Ein Mangel an konsistenten Offenlegungsstandards erschwert zudem die Bemühungen, diese Risiken anzugehen. Behörden prüfen, wie Börsen als Gatekeeper agieren können, obwohl ihre Abhängigkeit von öffentlichen Daten die Möglichkeiten zur Verifikation einschränkt.
Sicherstellung fairer Handelsbedingungen ist eine weitere Priorität, während Krypto-Märkte reifen und institutionelles Interesse anziehen. Bestehende Regeln adressieren bereits bestimmte Formen der Manipulation, doch es bestehen Lücken bei der Bekämpfung verhaltensähnlicher Insider-ähnlicher Aktivitäten. Regulierungsbehörden prüfen, ob ein verbessertes System für Überwachung und Durchsetzung erforderlich ist. Die FSA kam zu dem Schluss:
„Es ist entscheidend, ein angemessenes Gleichgewicht zwischen dem Schutz der Nutzer und der Förderung von Innovation zu erreichen.“
Diese Einordnung macht die Spannung deutlich, die Japans regulatorische Ausrichtung prägt. Die Überprüfung betrachtet Klassifizierungsrahmen, die Fundraising-Tokens von breit gehandelten Assets wie Bitcoin und Ether trennen. Diese Unterscheidung könnte eine gezieltere Regulierung ermöglichen, die auf die jeweiligen Merkmale jedes Assets abgestimmt ist.

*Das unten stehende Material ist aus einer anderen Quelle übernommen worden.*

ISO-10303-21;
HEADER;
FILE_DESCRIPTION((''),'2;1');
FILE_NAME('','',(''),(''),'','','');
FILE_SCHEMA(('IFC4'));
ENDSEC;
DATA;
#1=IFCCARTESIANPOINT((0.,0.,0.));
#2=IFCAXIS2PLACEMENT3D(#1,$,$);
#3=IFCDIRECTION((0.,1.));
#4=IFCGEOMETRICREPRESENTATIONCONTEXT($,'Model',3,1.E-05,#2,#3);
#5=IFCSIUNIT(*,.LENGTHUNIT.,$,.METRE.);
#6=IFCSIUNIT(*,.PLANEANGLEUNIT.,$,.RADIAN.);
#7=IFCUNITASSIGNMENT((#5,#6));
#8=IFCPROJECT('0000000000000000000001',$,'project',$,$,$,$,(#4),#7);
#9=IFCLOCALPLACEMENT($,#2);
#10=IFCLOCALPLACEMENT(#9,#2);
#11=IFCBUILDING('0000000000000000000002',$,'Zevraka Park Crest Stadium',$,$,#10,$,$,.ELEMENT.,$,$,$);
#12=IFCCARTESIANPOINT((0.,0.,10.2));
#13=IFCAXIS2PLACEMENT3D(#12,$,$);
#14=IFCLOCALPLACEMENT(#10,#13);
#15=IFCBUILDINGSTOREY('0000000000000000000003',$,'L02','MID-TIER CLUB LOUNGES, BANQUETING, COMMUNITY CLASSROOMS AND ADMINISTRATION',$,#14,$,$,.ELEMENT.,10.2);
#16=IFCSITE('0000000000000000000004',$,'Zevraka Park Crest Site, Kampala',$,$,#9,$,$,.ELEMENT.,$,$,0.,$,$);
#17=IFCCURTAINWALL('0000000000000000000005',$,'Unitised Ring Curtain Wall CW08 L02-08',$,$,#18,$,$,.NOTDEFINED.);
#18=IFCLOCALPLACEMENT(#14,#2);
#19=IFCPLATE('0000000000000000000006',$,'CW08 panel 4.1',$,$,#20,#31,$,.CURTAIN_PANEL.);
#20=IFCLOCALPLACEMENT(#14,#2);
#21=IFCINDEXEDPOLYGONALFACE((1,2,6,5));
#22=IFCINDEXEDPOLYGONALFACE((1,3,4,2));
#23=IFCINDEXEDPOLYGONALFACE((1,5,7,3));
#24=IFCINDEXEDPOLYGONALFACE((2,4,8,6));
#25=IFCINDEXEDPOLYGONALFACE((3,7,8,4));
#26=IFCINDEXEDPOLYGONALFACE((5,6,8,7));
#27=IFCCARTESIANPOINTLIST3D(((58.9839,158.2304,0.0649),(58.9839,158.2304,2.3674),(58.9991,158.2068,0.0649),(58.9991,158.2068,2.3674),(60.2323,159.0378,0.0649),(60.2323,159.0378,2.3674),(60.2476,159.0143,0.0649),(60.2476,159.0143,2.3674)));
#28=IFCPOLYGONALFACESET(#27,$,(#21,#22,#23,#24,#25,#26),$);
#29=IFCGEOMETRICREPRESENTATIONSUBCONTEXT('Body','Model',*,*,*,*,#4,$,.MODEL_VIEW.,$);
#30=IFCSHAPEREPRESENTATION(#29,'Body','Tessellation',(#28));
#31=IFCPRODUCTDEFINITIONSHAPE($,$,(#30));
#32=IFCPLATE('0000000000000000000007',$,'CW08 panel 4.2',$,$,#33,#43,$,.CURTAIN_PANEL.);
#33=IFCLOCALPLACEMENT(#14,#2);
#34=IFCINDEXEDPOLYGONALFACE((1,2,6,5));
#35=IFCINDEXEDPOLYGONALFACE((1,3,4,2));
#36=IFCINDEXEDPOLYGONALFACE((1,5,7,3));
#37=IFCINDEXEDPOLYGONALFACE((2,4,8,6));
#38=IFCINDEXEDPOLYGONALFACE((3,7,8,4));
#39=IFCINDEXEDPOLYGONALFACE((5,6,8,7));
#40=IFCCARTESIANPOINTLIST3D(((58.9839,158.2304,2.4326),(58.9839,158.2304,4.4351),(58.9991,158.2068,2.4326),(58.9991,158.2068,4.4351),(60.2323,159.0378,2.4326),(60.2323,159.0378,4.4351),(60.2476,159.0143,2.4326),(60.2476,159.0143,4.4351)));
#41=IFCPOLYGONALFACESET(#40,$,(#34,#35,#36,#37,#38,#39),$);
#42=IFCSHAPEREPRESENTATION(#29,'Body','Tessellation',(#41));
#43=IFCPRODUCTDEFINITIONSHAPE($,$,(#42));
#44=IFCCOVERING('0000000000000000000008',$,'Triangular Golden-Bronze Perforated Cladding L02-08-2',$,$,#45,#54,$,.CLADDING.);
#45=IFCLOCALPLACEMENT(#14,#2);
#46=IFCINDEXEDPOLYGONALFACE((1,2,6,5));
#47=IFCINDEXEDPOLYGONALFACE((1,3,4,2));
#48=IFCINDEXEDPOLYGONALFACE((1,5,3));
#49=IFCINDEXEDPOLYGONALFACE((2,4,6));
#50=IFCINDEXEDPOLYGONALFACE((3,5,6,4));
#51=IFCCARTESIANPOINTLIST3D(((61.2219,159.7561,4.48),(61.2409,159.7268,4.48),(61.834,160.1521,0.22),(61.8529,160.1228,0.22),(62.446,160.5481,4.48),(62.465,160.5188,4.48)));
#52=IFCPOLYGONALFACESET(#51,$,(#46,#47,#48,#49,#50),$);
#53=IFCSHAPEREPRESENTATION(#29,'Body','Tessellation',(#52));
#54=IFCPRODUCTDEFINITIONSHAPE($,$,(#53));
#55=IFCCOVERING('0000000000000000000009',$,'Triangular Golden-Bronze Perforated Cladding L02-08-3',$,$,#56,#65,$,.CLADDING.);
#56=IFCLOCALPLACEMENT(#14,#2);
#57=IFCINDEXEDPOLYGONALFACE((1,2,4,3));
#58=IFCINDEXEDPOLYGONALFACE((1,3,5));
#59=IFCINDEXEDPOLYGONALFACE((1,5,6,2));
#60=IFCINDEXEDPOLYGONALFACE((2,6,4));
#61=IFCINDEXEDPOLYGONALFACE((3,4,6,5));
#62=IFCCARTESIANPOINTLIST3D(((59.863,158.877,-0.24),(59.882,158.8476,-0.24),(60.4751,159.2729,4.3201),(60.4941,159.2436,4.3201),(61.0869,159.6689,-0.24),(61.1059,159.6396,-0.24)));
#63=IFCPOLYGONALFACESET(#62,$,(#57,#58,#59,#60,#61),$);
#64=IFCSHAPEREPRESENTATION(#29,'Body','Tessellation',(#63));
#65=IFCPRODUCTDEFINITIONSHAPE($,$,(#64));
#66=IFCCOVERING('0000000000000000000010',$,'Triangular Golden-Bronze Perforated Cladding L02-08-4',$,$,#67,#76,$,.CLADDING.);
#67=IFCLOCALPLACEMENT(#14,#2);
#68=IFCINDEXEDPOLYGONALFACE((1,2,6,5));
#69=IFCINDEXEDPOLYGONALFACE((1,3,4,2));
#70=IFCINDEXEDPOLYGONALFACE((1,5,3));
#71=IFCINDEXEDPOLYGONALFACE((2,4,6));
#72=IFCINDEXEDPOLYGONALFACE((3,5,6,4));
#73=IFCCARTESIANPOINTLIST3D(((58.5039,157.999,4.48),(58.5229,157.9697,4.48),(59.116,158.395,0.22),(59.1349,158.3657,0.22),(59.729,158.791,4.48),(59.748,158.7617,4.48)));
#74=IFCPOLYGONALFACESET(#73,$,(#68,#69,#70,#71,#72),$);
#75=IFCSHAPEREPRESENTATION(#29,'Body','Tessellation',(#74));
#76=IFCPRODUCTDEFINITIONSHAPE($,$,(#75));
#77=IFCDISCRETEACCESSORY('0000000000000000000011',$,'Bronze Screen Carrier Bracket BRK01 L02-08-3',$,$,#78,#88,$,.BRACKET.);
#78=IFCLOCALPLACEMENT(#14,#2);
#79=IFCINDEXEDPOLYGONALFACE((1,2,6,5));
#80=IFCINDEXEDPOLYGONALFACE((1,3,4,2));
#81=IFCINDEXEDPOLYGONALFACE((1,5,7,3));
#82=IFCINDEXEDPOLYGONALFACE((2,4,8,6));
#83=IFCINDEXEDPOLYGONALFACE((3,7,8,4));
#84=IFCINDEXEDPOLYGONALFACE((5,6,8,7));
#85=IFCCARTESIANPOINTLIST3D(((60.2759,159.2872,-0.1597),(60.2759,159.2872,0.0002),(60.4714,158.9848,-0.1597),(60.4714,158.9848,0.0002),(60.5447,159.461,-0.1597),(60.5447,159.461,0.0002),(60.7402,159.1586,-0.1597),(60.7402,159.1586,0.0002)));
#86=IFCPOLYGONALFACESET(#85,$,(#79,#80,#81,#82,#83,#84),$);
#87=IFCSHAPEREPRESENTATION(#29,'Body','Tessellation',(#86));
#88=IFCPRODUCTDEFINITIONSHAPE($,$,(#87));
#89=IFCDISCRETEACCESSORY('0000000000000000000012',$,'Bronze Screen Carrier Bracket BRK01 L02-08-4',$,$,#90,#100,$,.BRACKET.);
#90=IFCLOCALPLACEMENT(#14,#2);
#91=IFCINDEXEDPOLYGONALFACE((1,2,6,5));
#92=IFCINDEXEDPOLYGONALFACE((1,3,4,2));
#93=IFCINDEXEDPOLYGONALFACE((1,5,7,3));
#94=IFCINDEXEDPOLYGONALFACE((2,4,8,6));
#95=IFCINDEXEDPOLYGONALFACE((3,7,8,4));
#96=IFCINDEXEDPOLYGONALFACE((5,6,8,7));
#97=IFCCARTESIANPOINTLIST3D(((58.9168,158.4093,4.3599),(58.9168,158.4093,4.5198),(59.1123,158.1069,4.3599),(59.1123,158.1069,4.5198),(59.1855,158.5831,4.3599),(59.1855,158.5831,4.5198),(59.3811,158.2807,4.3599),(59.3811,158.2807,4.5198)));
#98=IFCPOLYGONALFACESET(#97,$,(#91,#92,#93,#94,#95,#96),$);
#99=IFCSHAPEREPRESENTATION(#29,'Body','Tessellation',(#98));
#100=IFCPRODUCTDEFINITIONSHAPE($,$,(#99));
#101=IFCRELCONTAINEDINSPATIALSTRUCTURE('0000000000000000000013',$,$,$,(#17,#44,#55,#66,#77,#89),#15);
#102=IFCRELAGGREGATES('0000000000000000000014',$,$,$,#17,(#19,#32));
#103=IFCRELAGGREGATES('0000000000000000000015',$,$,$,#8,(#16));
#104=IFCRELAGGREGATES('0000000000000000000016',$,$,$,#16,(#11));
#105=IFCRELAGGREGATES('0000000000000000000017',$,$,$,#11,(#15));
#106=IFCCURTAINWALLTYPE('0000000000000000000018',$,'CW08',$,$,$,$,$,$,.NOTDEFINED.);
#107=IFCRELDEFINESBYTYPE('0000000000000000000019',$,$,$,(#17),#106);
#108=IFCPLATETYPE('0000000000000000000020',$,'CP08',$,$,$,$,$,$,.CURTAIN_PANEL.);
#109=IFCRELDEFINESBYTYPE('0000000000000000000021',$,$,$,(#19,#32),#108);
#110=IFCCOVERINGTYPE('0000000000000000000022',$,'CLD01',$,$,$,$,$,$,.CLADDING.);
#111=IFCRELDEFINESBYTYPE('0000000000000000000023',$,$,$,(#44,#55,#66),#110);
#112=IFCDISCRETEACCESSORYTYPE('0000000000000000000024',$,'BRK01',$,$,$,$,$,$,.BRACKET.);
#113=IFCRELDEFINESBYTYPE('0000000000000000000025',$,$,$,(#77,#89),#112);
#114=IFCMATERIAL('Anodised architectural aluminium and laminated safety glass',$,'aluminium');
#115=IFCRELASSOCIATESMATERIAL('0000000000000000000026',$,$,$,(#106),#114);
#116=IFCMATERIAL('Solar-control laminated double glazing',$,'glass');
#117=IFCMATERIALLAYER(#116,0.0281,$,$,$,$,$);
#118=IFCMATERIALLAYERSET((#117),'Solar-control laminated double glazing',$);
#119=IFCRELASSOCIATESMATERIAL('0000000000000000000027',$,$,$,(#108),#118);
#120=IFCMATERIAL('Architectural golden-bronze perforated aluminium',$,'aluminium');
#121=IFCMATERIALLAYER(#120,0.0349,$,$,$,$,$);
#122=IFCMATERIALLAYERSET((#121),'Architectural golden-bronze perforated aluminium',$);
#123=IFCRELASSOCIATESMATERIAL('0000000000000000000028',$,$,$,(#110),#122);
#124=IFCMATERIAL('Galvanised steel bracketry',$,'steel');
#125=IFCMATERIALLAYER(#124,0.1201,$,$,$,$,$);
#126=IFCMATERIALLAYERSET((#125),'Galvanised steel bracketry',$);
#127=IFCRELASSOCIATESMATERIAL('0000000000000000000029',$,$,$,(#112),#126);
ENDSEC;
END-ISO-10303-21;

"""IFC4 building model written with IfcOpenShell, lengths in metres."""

from ifc_helpers import new_model, si_unit, direction, frame, origin, origin_2d, place, context, subcontext, project, spatial, polyline, rectangle, outline, extrude, material, layer, layer_set, type_object, element, aggregate, save


model = new_model("IFC4")

# Units and contexts
model_context = context("Model", 3, precision=1e-05, world=origin(), true_north=direction((0.0, 1.0)))
body_context = subcontext(model_context, "Body", "Model", "MODEL_VIEW")
ifc_project = project(units=[si_unit("LENGTHUNIT", "METRE"), si_unit("PLANEANGLEUNIT", "RADIAN")], contexts=[model_context])

# Site, building, storey
site_placement = place(None, origin())
site = spatial("IfcSite", under=ifc_project, at=site_placement, Name="Zevraka Park Crest Site, Kampala", CompositionType="ELEMENT", RefElevation=0.0)
building_placement = place(site_placement, origin())
building = spatial("IfcBuilding", under=site, at=building_placement, Name="Zevraka Park Crest Stadium", CompositionType="ELEMENT")
storey_placement = place(building_placement, frame((0.0, 0.0, 10.2)))
storey = spatial("IfcBuildingStorey", under=building, at=storey_placement, Name="L02", Description="MID-TIER CLUB LOUNGES, BANQUETING, COMMUNITY CLASSROOMS AND ADMINISTRATION", CompositionType="ELEMENT", Elevation=10.2)

# Curtain wall, plates
ifc_material_1 = material(Name="Anodised architectural aluminium and laminated safety glass", Category="aluminium")
curtain_wall_type = type_object("IfcCurtainWallType", Name="CW08", PredefinedType="NOTDEFINED", material=ifc_material_1)
curtain_wall_placement = place(storey_placement, origin())
curtain_wall = element("IfcCurtainWall", 1, at=curtain_wall_placement, inside=storey, type_object=curtain_wall_type, Name="Unitised Ring Curtain Wall CW08 L02-08", PredefinedType="NOTDEFINED")
ifc_material_2 = material(Name="Solar-control laminated double glazing", Category="glass")
ifc_layer_1 = layer(ifc_material_2, 0.0281)
ifc_layer_set_1 = layer_set([ifc_layer_1], Name="Solar-control laminated double glazing")
plate_type = type_object("IfcPlateType", Name="CP08", PredefinedType="CURTAIN_PANEL", material=ifc_layer_set_1)
plate_1_placement = place(storey_placement, frame((59.6157, 158.6223, 0.0649), z_axis=(0.0, 0.0, 1.0), x_axis=(-0.83967, -0.543096, 0.0)))
plate_1 = element("IfcPlate", 2, at=plate_1_placement, type_object=plate_type, Name="CW08 panel 4.1", PredefinedType="CURTAIN_PANEL", context=body_context, shape_type="SweptSolid", body=[
    extrude(rectangle(XDim=1.4868, YDim=0.0281, at=origin_2d()), origin(), (0.0, 0.0, 1.0), 2.3025),
])
plate_2_placement = place(storey_placement, frame((59.6157, 158.6223, 2.4326), z_axis=(0.0, 0.0, 1.0), x_axis=(-0.83967, -0.543096, 0.0)))
plate_2 = element("IfcPlate", 3, at=plate_2_placement, type_object=plate_type, Name="CW08 panel 4.2", PredefinedType="CURTAIN_PANEL", context=body_context, shape_type="SweptSolid", body=[
    extrude(rectangle(XDim=1.4868, YDim=0.0281, at=origin_2d()), origin(), (0.0, 0.0, 1.0), 2.0024),
])
aggregate(curtain_wall, [plate_1, plate_2])

# Coverings
ifc_material_3 = material(Name="Architectural golden-bronze perforated aluminium", Category="aluminium")
ifc_layer_2 = layer(ifc_material_3, 0.0349)
ifc_layer_set_2 = layer_set([ifc_layer_2], Name="Architectural golden-bronze perforated aluminium")
covering_type = type_object("IfcCoveringType", Name="CLD01", PredefinedType="CLADDING", material=ifc_layer_set_2)
covering_1_placement = place(storey_placement, frame((61.2219, 159.7561, 4.48), z_axis=(-0.54321, 0.839597, 0.0), x_axis=(0.839597, 0.54321, 0.0)))
element("IfcCovering", 4, at=covering_1_placement, inside=storey, type_object=covering_type, Name="Triangular Golden-Bronze Perforated Cladding L02-08-2", PredefinedType="CLADDING", context=body_context, shape_type="SweptSolid", body=[
    extrude(outline(polyline([(0.0, 0.0), (1.458, 0.0), (0.729, 4.26), (0.0, 0.0)])), origin(), (0.0, 0.0, -1.0), 0.0349),
])
covering_2_placement = place(storey_placement, frame((61.0869, 159.6689, -0.24), z_axis=(-0.543286, 0.839548, 0.000015), x_axis=(-0.839548, -0.543286, 0.0)))
element("IfcCovering", 5, at=covering_2_placement, inside=storey, type_object=covering_type, Name="Triangular Golden-Bronze Perforated Cladding L02-08-3", PredefinedType="CLADDING", context=body_context, shape_type="SweptSolid", body=[
    extrude(outline(polyline([(0.0, 0.0), (1.4578, 0.0), (0.7288, 4.5601), (0.0, 0.0)])), origin(), (0.0, 0.0, -1.0), 0.0349),
])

Behörden betonen außerdem die Bedeutung internationaler Konsistenz, angesichts der globalen Natur von Krypto-Märkten. Nach dem Diskussionspapier veränderte sich die regulatorische Entwicklung Japans von einer Bewertung hin zu einer formalen gesetzgeberischen Neuausrichtung. Im Dezember 2025 empfahl die Arbeitsgruppe des Financial System Council, Kryptoassets wie Bitcoin und Ether von Zahlungsinstrumenten im Sinne des Payment Services Act (PSA) in Investmentprodukte im Sinne des Financial Instruments and Exchange Act (FIEA) umzuklassifizieren. Dieser Übergang, der für die Gesetzgebung 2026 geplant ist, zielt darauf ab, Offenlegungs- und Marktintegritätsregeln nach dem Vorbild von Wertpapieren anzuwenden. Zusätzlich führten die Steuerreformvorschläge für 2026 eine pauschale Steuer von 20% auf Krypto-Gewinne ein und ersetzten die Behandlung als sonstiges Einkommen, um Kryptoassets mit traditionellen Finanzinstrumenten in Einklang zu bringen.